KANO-TOPSIS Model for AI Based New Product Development: Focusing on the Case of Developing Voice Assistant System for Vehicles (KANO-TOPSIS 모델을 이용한 지능형 신제품 개발: 차량용 음성비서 시스템 개발 사례)

  • Yang, Sungmin;Tak, Junhyuk;Kwon, Donghwan;Chung, Doohee
    • Journal of Intelligence and Information Systems
    • /
    • v.28 no.1
    • /
    • pp.287-310
    • /
    • 2022
  • Companies' interest in developing AI-based intelligent new products is increasing. Recently, the main concern of companies is to innovate customer experience and create new values by developing new products through the effective use of Artificial intelligence technology. However, due to the nature of products based on radical technologies such as artificial intelligence, intelligent products differ from existing products and development methods, so it is clear that there is a limitation to applying the existing development methodology as it is. This study proposes a new research method based on KANO-TOPSIS for the successful development of AI-based intelligent new products by using car voice assistants as an example.
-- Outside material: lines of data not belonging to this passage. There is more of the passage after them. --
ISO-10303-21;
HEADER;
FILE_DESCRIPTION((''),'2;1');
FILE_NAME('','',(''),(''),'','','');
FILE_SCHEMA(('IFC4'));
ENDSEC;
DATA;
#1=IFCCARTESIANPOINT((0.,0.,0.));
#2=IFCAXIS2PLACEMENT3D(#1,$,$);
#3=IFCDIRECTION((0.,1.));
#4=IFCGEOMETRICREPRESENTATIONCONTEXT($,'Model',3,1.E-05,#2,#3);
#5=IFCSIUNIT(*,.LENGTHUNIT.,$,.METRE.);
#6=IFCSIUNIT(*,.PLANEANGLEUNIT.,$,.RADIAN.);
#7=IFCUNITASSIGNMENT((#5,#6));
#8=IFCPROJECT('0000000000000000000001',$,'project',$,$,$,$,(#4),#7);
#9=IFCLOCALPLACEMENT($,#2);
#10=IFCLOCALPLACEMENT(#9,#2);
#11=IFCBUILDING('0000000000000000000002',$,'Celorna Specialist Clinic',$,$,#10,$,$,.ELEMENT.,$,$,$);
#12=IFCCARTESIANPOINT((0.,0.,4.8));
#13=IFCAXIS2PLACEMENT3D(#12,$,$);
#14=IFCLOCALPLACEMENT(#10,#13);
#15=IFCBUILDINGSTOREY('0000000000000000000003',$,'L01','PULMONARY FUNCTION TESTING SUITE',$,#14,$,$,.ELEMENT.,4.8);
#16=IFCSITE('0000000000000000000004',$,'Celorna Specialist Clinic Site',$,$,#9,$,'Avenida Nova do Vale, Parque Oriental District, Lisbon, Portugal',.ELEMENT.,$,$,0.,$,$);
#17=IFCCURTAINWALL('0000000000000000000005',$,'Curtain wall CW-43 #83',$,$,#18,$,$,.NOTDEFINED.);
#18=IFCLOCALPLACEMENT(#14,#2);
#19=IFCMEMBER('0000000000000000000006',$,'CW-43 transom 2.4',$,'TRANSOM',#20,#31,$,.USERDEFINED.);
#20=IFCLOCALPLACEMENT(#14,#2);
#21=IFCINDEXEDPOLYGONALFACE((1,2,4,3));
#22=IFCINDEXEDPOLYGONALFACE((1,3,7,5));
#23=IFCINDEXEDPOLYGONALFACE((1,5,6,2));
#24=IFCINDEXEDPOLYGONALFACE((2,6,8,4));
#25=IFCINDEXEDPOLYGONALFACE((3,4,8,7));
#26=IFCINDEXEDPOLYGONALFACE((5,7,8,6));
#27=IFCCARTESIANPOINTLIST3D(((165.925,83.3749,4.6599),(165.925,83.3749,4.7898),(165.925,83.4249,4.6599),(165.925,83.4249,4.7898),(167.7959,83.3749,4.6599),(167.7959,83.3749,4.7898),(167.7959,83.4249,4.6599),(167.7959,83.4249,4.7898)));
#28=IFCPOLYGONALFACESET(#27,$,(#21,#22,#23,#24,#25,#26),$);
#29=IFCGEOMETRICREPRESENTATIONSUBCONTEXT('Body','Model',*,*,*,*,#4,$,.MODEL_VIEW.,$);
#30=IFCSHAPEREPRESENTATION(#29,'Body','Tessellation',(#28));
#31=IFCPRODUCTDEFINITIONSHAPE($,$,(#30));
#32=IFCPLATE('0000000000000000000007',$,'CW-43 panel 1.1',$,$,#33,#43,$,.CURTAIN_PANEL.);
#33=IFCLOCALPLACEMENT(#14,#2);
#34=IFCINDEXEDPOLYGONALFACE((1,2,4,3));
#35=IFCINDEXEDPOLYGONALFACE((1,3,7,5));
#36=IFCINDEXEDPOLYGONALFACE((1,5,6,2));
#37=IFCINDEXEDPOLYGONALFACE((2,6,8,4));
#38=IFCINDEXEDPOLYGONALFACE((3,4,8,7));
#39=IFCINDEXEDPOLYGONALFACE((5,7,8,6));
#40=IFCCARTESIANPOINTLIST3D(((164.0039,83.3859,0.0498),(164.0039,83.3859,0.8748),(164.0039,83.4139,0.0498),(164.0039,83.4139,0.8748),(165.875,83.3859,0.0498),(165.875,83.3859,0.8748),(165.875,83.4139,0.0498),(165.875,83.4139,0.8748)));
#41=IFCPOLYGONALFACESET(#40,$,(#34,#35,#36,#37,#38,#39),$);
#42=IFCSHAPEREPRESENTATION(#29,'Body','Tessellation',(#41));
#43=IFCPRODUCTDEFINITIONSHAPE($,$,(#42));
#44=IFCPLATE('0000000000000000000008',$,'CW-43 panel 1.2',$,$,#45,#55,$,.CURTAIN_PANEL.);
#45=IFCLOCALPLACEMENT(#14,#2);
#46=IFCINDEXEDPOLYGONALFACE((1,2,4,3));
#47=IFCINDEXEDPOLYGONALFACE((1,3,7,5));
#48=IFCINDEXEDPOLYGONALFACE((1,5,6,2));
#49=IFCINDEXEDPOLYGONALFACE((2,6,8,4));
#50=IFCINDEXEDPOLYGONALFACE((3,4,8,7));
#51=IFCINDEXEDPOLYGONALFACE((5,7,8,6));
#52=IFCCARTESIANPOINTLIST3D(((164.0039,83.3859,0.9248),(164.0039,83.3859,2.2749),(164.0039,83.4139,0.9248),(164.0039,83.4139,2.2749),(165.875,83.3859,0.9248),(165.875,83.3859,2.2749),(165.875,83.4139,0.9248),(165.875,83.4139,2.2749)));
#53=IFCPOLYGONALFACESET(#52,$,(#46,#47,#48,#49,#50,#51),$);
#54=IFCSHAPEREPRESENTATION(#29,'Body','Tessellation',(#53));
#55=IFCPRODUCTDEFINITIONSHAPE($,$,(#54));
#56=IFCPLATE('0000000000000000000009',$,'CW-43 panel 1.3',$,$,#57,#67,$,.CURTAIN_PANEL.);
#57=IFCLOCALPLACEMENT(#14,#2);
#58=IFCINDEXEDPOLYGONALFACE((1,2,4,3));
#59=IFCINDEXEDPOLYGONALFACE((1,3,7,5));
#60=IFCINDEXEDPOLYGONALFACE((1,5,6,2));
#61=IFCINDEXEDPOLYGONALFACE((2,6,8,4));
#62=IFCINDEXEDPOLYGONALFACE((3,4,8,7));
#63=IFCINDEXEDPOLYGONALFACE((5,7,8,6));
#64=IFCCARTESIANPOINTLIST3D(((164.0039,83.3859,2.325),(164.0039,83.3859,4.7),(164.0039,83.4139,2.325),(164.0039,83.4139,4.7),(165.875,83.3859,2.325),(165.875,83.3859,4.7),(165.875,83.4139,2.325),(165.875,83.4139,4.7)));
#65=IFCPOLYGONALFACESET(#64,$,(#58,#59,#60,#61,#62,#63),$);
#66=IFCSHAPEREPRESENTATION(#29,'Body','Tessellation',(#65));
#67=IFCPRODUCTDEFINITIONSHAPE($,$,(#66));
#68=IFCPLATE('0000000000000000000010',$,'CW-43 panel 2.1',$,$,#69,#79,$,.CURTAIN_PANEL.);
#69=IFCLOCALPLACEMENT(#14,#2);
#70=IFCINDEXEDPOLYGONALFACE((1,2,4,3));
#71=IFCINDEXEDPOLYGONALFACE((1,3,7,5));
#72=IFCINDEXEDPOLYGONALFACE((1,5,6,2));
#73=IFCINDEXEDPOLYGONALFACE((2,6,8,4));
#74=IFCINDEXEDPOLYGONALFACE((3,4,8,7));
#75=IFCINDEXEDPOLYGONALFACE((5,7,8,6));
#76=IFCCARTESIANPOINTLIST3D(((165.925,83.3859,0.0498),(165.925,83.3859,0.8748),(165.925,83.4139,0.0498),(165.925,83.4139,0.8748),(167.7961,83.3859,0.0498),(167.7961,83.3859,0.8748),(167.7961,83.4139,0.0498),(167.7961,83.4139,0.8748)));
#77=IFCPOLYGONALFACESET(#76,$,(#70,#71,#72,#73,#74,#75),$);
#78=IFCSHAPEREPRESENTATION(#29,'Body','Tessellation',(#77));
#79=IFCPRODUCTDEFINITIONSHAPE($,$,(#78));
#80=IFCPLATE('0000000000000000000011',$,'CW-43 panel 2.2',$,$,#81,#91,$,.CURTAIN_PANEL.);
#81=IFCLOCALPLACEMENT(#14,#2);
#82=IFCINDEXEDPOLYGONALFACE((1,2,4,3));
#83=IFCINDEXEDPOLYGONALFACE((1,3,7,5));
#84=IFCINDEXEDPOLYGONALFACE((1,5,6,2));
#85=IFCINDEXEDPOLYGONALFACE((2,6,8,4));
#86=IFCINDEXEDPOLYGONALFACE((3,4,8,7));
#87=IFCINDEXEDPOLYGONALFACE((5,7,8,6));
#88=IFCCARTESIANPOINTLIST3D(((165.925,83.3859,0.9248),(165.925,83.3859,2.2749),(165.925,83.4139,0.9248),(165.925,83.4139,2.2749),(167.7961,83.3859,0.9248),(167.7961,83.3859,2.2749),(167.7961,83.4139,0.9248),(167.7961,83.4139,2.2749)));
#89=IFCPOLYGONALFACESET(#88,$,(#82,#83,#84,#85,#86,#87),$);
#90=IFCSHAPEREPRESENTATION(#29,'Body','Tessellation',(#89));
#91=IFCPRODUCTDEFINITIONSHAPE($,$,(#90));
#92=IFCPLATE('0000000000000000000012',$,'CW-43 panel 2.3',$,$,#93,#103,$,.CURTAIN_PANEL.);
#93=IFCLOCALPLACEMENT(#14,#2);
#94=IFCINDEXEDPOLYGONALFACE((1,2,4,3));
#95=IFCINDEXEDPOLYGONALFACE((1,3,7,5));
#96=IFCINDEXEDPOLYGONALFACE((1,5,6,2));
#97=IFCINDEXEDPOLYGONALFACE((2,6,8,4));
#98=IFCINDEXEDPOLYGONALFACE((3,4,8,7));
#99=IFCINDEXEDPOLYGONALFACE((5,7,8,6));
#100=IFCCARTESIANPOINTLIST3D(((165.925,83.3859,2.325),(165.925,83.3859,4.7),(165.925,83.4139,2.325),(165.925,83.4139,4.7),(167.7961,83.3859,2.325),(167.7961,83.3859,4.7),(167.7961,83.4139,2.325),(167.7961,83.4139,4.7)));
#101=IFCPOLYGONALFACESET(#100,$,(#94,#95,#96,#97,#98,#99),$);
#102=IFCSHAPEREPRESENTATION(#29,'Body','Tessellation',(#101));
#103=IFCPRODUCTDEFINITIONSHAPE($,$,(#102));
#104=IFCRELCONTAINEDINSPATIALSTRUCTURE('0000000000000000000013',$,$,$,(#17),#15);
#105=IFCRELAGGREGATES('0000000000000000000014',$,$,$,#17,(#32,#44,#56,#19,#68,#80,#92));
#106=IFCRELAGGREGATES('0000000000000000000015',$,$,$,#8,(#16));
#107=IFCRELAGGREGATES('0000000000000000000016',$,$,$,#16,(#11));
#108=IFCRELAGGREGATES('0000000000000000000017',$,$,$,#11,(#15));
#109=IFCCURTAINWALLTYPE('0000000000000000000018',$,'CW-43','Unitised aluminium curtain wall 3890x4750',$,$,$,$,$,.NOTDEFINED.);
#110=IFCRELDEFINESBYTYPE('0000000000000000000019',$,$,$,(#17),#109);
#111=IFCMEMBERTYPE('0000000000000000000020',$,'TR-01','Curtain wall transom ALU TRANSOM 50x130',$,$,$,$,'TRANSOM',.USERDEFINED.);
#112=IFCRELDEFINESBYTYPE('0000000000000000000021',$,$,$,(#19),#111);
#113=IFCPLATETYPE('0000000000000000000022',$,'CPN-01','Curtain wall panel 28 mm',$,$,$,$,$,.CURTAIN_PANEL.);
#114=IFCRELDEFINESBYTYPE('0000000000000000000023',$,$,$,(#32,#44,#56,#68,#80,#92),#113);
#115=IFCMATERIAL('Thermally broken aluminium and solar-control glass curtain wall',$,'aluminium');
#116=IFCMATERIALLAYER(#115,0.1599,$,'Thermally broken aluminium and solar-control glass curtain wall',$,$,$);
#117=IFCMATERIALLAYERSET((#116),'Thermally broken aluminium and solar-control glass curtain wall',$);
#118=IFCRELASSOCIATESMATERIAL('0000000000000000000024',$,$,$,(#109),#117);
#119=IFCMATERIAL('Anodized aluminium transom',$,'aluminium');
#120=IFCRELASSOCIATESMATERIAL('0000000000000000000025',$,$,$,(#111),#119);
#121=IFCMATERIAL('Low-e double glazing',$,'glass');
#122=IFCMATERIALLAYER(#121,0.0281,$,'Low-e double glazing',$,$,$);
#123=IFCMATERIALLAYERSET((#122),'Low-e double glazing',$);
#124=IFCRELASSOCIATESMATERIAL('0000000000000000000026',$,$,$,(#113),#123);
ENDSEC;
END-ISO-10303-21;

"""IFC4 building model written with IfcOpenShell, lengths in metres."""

from ifc_helpers import new_model, si_unit, direction, frame, origin, origin_2d, place, context, subcontext, project, spatial, rectangle, extrude, material, layer, layer_set, material_profile, profile_set, type_object, element, aggregate, save


model = new_model("IFC4")

# Units and contexts
model_context = context("Model", 3, precision=1e-05, world=origin(), true_north=direction((0.0, 1.0)))
body_context = subcontext(model_context, "Body", "Model", "MODEL_VIEW")
ifc_project = project(units=[si_unit("LENGTHUNIT", "METRE"), si_unit("PLANEANGLEUNIT", "RADIAN")], contexts=[model_context])

# Site, building, storey
site_placement = place(None, origin())
site = spatial("IfcSite", under=ifc_project, at=site_placement, Name="Celorna Specialist Clinic Site", LongName="Avenida Nova do Vale, Parque Oriental District, Lisbon, Portugal", CompositionType="ELEMENT", RefElevation=0.0)
building_placement = place(site_placement, origin())
building = spatial("IfcBuilding", under=site, at=building_placement, Name="Celorna Specialist Clinic", CompositionType="ELEMENT")
storey_placement = place(building_placement, frame((0.0, 0.0, 4.8)))
storey = spatial("IfcBuildingStorey", under=building, at=storey_placement, Name="L01", Description="PULMONARY FUNCTION TESTING SUITE", CompositionType="ELEMENT", Elevation=4.8)

# Curtain wall, member, plates
ifc_material_1 = material(Name="Thermally broken aluminium and solar-control glass curtain wall", Category="aluminium")
ifc_layer_1 = layer(ifc_material_1, 0.1599, Name="Thermally broken aluminium and solar-control glass curtain wall")
ifc_layer_set_1 = layer_set([ifc_layer_1], Name="Thermally broken aluminium and solar-control glass curtain wall")
curtain_wall_type = type_object("IfcCurtainWallType", Name="CW-43", Description="Unitised aluminium curtain wall 3890x4750", PredefinedType="NOTDEFINED", material=ifc_layer_set_1)
curtain_wall_placement = place(storey_placement, origin())
curtain_wall = element("IfcCurtainWall", 1, at=curtain_wall_placement, inside=storey, type_object=curtain_wall_type, Name="Curtain wall CW-43 #83", PredefinedType="NOTDEFINED")
ifc_material_2 = material(Name="Anodized aluminium transom", Category="aluminium")
ifc_material_profile_1 = material_profile(ifc_material_2, rectangle(XDim=0.05, YDim=0.1299, at=origin_2d()), Name="ALU TRANSOM 50x130")
ifc_profile_set_1 = profile_set([ifc_material_profile_1], Name="Anodized aluminium transom")
member_type_1 = type_object("IfcMemberType", Name="TR-01", Description="Curtain wall transom ALU TRANSOM 50x130", ElementType="TRANSOM", PredefinedType="USERDEFINED", material=ifc_profile_set_1)
member_1_placement = place(storey_placement, frame((165.925, 83.3999, 4.7249), z_axis=(1.0, 0.0, 0.0), x_axis=(0.0, 1.0, 0.0)))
Using the KANO model, select and evaluate functions that customers think are necessary for new products, and use the TOPSIS method to derives priorities by finding the importance of functions that customers need. For the analysis, major categories such as vehicle condition check and function control elements, driving-related elements, characteristics of voice assistant itself, infotainment elements, and daily life support elements were selected and customer demand attributes were subdivided. As a result of the analysis, high recognition accuracy should be considered as a top priority in the development of car voice assistants. Infotainment elements that provide customized content based on driver's biometric information and usage habits showed lower priorities than expected, while functions related to driver safety such as vehicle condition notification, driving assistance, and security, also showed as the functions that should be developed preferentially. This study is meaningful in that it presented a new product development methodology suitable for the characteristics of AI-based intelligent new products with innovative characteristics through an excellent model combining KANO and TOPSIS.